Planned Storage Prompt
[FOR FUTURE SESSION - DO NOT RUN TONIGHT]
You are conducting a comprehensive read-only investigation of all storage layers in the homelab. This is investigation only - do not modify any storage config, RAID config, filesystem state, or run any operation that could affect data integrity.
GOAL: Build a complete picture of storage architecture, health, and risks. Output feeds into a separate decision-making session about storage improvements.
LAYER 1: Proxmox host local storage
- pvesm status (all configured storages and their states)
- pvs / vgs / lvs (LVM structure)
- df -h (filesystem usage on host)
- lsblk -o NAME,SIZE,TYPE,FSTYPE,MOUNTPOINT,SERIAL,MODEL,WWN
- cat /proc/mdstat (any mdadm arrays on host)
- P410i RAID controller status via ssacli or hpssacli if installed:
- ssacli controller all show config detail
- Note: if ssacli not installed, skip - do not install tonight
- SMART data for each physical drive on the host:
- smartctl -a /dev/sdX for each drive
- Focus on: Reallocated_Sector_Ct, Power_On_Hours, Wear_Leveling_Count, Media_Wearout_Indicator
- The Crucial M4 SSDs (Bay 5-8) are 14 years old, special attention needed
- The EG0450 SAS HDDs (Bay 2-4) and SPCC SSD (Bay 1) - basic health check
LAYER 2: VM 189 homeNas internal storage (read-only via SSH to VM 189)

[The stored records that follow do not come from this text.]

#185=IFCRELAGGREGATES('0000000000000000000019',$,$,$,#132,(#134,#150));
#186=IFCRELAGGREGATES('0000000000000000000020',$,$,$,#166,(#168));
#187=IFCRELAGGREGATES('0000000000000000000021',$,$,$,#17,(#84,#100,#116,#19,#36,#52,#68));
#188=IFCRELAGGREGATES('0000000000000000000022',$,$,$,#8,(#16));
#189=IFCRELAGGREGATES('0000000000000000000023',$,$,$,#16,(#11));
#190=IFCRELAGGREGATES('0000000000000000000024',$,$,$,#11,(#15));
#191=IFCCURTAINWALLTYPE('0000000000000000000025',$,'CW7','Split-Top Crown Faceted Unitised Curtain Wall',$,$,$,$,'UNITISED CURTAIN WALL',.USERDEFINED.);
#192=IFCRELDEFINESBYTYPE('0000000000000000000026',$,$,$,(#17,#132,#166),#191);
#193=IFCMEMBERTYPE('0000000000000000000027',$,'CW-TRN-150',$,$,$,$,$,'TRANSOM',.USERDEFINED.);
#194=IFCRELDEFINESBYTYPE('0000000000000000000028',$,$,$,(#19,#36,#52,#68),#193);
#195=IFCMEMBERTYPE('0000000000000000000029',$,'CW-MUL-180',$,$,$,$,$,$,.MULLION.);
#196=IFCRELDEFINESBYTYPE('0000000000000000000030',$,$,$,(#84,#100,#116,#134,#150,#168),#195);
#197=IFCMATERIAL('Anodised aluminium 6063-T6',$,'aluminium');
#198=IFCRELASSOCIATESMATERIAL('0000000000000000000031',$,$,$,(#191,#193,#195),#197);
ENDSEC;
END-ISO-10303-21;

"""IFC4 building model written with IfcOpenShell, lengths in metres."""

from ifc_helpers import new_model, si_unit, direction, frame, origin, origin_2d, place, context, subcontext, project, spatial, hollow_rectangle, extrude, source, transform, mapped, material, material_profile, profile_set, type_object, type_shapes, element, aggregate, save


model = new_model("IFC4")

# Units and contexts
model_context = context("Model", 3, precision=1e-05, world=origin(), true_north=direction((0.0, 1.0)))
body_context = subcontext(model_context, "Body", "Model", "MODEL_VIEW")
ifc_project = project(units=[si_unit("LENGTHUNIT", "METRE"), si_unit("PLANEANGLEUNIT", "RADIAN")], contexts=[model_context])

- ssh homenas "lsblk -o NAME,SIZE,TYPE,FSTYPE,MOUNTPOINT" - what disks are passed through
- ssh homenas "cat /proc/mdstat" - mdadm arrays state
- ssh homenas "mdadm --detail /dev/md0 /dev/md1" - array health
- ssh homenas "btrfs filesystem show" - btrfs filesystem state
- ssh homenas "btrfs filesystem df /path/to/mount" - btrfs usage detail
- ssh homenas "btrfs scrub status /path/to/mount" - last scrub state
- ssh homenas "smartctl -a /dev/sdX" for each passthrough disk
LAYER 3: NFS exports configuration (read-only)

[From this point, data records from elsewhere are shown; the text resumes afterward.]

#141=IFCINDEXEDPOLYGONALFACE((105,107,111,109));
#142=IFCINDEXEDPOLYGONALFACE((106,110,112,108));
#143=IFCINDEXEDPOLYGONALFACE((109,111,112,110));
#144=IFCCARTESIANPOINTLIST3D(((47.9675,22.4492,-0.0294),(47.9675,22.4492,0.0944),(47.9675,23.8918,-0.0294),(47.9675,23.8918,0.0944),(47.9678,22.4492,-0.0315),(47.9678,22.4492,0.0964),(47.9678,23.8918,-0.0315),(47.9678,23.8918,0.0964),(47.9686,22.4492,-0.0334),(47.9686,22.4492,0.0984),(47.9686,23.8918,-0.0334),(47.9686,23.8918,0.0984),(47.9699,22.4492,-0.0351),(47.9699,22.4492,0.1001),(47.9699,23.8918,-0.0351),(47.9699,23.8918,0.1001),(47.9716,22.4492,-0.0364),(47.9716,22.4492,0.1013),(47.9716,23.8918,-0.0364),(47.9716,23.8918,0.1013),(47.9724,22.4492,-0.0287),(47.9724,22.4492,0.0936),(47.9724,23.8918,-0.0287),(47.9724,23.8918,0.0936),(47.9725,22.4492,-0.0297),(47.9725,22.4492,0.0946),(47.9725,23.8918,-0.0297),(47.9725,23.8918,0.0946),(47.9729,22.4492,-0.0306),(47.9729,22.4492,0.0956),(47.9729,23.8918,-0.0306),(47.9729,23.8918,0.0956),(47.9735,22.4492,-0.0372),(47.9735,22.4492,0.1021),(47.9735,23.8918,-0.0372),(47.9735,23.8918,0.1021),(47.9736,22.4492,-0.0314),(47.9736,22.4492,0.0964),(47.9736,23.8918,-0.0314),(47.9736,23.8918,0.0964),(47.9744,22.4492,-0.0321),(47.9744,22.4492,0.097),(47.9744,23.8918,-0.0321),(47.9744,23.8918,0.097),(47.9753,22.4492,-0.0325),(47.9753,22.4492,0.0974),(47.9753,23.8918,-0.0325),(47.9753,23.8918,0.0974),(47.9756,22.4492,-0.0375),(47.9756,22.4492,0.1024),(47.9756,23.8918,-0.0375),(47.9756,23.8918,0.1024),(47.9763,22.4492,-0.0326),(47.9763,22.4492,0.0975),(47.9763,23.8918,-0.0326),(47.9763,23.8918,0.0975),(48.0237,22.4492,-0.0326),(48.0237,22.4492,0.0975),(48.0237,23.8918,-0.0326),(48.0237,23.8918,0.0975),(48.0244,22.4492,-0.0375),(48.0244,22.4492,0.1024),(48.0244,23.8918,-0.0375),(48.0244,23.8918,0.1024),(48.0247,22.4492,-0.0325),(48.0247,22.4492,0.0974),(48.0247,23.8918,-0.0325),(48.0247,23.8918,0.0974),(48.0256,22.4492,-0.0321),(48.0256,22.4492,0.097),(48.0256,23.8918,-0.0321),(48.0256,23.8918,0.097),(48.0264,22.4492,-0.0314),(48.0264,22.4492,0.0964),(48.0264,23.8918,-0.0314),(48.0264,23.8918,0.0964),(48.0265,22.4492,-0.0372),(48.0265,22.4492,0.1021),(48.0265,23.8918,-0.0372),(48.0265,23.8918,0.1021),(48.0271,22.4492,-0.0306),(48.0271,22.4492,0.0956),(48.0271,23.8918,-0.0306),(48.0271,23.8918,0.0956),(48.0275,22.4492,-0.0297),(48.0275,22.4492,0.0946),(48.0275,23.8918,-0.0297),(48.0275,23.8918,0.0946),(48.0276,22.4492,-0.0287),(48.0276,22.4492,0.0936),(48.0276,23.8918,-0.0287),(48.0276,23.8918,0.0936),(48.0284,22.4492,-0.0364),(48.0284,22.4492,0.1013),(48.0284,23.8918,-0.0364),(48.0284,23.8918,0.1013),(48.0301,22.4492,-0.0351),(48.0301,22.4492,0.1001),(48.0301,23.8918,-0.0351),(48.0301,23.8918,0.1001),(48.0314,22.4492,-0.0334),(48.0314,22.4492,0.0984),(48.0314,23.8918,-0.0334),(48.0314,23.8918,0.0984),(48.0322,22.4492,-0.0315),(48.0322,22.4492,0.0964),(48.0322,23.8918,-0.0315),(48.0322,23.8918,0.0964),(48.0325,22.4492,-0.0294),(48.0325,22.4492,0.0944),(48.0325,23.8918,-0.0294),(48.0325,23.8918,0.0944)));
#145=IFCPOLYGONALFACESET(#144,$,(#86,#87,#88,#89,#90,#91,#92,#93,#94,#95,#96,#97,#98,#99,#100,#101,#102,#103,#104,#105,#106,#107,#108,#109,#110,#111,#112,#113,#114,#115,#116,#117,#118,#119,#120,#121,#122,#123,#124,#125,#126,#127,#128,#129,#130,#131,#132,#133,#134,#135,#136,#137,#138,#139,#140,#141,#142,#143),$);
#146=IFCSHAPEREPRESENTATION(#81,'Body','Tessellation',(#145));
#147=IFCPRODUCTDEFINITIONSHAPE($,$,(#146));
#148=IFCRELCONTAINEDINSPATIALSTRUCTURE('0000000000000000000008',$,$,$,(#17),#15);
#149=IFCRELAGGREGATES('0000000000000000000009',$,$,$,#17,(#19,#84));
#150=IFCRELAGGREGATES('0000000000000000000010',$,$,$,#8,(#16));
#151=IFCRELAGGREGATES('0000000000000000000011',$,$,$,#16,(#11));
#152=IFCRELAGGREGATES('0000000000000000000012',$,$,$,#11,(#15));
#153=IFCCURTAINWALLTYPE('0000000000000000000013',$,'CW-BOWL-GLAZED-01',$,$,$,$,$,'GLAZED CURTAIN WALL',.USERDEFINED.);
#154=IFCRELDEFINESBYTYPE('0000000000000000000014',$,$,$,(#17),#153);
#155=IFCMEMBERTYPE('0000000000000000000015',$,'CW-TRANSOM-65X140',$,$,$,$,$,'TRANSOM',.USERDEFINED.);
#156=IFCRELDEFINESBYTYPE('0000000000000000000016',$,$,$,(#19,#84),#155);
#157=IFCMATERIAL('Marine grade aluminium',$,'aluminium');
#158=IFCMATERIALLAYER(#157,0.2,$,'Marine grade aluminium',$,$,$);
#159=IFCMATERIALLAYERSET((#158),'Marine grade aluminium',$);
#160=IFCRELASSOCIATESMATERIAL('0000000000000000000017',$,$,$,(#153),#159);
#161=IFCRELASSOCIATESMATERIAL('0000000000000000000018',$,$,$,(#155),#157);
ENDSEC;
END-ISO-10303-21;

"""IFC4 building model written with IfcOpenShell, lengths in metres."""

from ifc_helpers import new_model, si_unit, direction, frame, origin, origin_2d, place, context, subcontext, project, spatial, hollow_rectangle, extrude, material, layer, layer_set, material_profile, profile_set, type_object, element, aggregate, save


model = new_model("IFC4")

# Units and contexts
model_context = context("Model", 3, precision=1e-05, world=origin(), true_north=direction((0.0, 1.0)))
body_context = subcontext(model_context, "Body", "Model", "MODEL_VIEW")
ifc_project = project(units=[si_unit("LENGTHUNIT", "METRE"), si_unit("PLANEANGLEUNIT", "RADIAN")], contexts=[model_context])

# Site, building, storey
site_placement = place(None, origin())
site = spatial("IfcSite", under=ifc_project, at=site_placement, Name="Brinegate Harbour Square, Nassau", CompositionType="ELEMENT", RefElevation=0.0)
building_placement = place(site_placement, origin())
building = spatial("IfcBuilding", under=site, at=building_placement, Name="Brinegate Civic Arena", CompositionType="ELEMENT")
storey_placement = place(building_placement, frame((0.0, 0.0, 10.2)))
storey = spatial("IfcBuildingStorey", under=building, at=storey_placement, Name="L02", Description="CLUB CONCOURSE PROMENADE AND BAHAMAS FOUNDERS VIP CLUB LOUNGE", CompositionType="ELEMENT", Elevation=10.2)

- ssh homenas "cat /etc/exports" - what's currently exported
- ssh homenas "showmount -e localhost 2>/dev/null" - exports as visible
- From PVE host: cat /etc/pve/storage.cfg | grep -A 5 "nfs:" - how Proxmox sees them
- Identify which NFS exports are referenced by destroyed VMs (orphan tracking)
LAYER 4: Backup state
- Check for any existing Proxmox Backup Server connections: cat /etc/pve/storage.cfg | grep pbs
- Check for any cron/systemd backup jobs: ls /etc/cron.* | grep -i backup
- Check for any vzdump scheduled tasks: ls /etc/pve/jobs.cfg 2>/dev/null
- Honest finding expected: no backups exist anywhere
LAYER 5: Filesystem health on Proxmox host
- dmesg | grep -iE "ata|sata|sas|scsi|raid|btrfs|ext4|error|fail" | tail -50 - look for storage errors in kernel log
- journalctl -k --since "30 days ago" | grep -iE "i/o error|medium error|unrecovered" - serious storage errors in last 30 days
REPORTING (no recommendations yet, just facts):
Section A: Physical drive inventory with health metrics
- Per drive: model, serial, capacity, power-on hours, wear level if SSD, reallocated sectors, SMART overall verdict
- Highlight drives showing any concerning indicator
Section B: RAID/array health
- P410i logical drive states
- mdadm array states (clean / degraded / resyncing / missing devices)
- btrfs filesystem state (no errors / errors detected / scrub overdue)
Section C: Capacity and utilization
- Per storage layer: total / used / available
- Highlight any approaching capacity limits
Section D: Configuration documentation
- The complete picture of how storage flows: physical drives → RAID → filesystem → exports → consumers
- This is the documentation that should have existed but probably doesn't
Section E: Honest risk assessment
- Identified single points of failure
- Hardware showing age (M4 SSDs specifically)
- Architectural concerns (mdadm-on-btrfs nest doll, no backups)
- What "data loss scenarios" exist today
Section F: Open questions for the user
- Specific decisions needed about retention, restoration, architecture changes
- Things the investigation surfaced that need human judgment
This is pure investigation. No changes. Just facts and honest assessment.